Dover Reports Fourth Quarter and Full Year 2010 Results

Dover Reports Fourth Quarter and Full Year 2010 Results

Dover Corporation announced today that for the fourth quarter ended December 31, 2010, revenue was $1.9 billion, an increase of 24% over the prior year period. The revenue increase was driven by organic growth of 23%, a 2% increase from acquisitions, and a 1% unfavorable impact from foreign exchange. Earnings from continuing operations for the fourth quarter of 2010 were $191.8 million or $1.01 diluted earnings per share (“EPS”), compared to $102.4 million or $0.55 diluted EPS from continuing operations in the prior-year period, representing increases of 87% and 85%, respectively. Excluding the impact of tax benefits of $0.07 recognized in the quarter, adjusted diluted EPS from continuing operations was $0.94, an increase of 71% over the prior year. The tax benefits of $0.07 were principally related to the favorable resolution of domestic tax positions.

Revenue for the year ended December 31, 2010 was $7.1 billion, up 24% over the prior year representing organic revenue growth of 20% and growth from acquisitions of 4%. Earnings from continuing operations for the year ended December 31, 2010 were $707.9 million or $3.74 diluted EPS, compared to $371.9 million or $1.99 diluted EPS in the prior year period, representing increases of 90% and 88%, respectively. Excluding the impact of tax benefits of $0.27 diluted EPS recognized in 2010, and the impact of tax benefits of $0.15 diluted EPS recognized in 2009, adjusted diluted EPS from continuing operations for the year ended December 31, 2010 was $3.47, an increase of 89% over the prior year adjusted level of $1.84.

Commenting on the fourth quarter results, Dover’s President and Chief Executive Officer, Robert A. Livingston, said, “Dover had a strong finish to 2010 with quarterly revenue, bookings, backlog, margin and earnings all up significantly from last year. Revenue growth of 24% was above our expectations and this momentum continued to be broad-based, led by Electronic Technologies, Energy and Material Handling. Margin expansion was also broad-based, with all segments showing improvement year-over-year, resulting in a fourth quarter segment margin of 16.3%. We generated strong free cash flow during the quarter, totaling $378 million, and exited the year with strong fourth quarter order rates, resulting in a book-to-bill of 1.03.

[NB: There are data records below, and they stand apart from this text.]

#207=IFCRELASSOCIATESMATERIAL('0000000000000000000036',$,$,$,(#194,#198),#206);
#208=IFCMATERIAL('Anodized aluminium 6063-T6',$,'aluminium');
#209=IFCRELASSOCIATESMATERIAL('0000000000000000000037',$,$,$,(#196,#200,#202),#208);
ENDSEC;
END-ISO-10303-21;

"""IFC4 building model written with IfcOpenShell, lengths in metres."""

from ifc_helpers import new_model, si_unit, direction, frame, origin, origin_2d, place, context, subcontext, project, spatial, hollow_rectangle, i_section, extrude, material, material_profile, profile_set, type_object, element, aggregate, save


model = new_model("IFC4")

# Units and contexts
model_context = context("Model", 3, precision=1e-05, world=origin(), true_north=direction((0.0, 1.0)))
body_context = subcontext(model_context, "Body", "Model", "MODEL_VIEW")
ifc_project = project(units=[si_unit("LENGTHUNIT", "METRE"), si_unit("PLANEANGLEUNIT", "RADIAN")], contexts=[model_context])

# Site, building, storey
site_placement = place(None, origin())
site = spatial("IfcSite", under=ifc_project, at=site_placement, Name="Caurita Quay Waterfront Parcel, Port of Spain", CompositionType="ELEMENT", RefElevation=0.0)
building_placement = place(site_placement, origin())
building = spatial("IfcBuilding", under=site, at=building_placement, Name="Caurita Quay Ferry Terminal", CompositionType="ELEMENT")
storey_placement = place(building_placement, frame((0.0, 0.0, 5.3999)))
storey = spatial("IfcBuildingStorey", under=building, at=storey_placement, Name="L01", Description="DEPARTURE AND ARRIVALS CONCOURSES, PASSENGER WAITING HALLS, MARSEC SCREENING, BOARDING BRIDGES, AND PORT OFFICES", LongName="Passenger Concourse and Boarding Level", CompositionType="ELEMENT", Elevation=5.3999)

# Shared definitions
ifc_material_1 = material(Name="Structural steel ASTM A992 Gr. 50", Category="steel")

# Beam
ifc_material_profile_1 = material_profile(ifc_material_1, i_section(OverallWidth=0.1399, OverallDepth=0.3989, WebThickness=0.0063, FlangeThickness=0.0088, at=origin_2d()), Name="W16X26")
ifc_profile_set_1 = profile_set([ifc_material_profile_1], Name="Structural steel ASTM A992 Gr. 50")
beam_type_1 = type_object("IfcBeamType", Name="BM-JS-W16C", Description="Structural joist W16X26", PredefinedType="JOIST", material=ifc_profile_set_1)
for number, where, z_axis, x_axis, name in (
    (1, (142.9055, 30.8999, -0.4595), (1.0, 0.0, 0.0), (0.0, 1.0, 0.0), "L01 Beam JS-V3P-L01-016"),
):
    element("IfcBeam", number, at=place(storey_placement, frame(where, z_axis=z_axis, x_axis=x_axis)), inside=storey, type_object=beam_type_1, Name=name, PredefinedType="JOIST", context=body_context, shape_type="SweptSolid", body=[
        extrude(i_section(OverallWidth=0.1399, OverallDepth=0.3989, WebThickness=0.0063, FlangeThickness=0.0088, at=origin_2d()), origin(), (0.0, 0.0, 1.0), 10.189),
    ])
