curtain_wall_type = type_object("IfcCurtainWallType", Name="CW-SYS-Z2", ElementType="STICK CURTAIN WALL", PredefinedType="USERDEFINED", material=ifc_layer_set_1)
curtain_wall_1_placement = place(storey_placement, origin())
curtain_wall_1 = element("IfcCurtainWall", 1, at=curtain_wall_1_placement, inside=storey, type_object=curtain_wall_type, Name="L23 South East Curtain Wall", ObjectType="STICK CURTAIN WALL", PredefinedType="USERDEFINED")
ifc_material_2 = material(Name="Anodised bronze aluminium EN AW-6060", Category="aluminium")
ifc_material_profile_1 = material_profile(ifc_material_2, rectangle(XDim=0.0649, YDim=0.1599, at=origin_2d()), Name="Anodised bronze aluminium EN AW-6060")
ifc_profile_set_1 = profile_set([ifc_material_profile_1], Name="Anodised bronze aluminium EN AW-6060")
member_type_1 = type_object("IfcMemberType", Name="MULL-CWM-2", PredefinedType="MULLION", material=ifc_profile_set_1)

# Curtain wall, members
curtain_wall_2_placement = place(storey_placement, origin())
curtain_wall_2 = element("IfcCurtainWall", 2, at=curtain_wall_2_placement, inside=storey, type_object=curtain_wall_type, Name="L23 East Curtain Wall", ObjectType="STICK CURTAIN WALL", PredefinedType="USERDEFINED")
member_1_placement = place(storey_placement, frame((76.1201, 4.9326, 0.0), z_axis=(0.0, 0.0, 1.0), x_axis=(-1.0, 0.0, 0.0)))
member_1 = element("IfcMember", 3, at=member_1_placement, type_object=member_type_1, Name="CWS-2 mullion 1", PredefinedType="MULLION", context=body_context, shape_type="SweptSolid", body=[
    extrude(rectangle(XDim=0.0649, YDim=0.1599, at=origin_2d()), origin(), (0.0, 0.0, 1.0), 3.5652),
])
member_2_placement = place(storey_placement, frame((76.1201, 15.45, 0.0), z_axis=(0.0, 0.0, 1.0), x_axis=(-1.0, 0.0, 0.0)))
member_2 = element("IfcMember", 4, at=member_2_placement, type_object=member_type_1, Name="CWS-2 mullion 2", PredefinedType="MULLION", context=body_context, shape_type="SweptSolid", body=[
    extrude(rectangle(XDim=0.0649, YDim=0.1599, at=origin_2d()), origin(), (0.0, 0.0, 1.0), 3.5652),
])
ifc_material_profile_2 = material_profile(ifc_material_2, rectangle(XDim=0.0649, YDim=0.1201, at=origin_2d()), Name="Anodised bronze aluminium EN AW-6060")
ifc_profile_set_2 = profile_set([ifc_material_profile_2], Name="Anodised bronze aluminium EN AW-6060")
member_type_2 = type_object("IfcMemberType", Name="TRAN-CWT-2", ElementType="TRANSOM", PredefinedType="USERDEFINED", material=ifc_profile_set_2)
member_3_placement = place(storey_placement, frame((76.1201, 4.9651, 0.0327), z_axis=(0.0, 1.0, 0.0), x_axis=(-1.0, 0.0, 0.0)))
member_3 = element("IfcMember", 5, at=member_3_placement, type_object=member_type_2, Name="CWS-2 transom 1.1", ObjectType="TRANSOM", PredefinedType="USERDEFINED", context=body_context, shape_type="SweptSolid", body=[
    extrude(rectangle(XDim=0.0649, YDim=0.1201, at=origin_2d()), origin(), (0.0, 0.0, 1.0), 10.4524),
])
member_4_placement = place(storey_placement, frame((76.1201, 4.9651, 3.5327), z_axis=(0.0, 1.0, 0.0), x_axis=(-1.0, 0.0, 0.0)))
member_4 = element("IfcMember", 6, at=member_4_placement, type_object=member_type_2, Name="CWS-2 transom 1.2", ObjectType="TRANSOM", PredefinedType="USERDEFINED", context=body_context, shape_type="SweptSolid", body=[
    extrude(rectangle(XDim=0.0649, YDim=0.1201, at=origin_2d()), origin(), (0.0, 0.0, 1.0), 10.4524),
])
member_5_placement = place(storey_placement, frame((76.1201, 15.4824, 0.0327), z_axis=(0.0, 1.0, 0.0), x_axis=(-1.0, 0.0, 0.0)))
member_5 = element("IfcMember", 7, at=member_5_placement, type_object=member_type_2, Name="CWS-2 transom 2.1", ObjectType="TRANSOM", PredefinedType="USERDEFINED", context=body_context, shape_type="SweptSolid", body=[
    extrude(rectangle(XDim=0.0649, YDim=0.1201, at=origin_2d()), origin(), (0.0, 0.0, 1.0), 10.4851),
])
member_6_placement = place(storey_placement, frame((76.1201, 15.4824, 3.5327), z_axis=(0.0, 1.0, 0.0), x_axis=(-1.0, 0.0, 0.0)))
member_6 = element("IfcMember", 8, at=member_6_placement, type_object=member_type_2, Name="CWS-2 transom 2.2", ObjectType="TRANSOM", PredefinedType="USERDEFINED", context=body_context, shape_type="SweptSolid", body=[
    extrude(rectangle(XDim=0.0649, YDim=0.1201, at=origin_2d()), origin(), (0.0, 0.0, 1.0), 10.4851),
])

“I am pleased with our many accomplishments in 2010. We were able to achieve full-year organic revenue growth of 20%, benefitting from improved end-markets, product innovation and geographic expansion. Full-year segment operating margins were a record 16.4%. We also generated free cash flow of $767 million in 2010, representing 11% of revenue, which funded re-investment in our businesses, our acquisition program and our 55th consecutive annual dividend increase.

“Looking forward, we expect full year 2011 revenue growth of 9% – 11%, representing organic revenue growth of 6% – 8%, plus growth from acquisitions of 3%. Based on this revenue assumption, we expect full-year diluted EPS from continuing operations to be in the range of $4.05 – $4.25.”

Net earnings for the fourth quarter of 2010 were $198.3 million or $1.04 diluted EPS, including income from discontinued operations of $6.6 million or $0.03 diluted EPS, compared to net earnings of $99.0 million or $0.53 diluted EPS for the same period of 2009, which included a loss from discontinued operations of $3.4 million or $0.02 diluted EPS. Net earnings for the year ended December 31, 2010 were $700.1 million or $3.70 diluted EPS, which included a loss from discontinued operations of $7.8 million or $0.04 diluted EPS, compared to net earnings of $356.4 million or $1.91 diluted EPS for the same period of 2009, including a loss from discontinued operations of $15.5 million or $0.08 diluted EPS.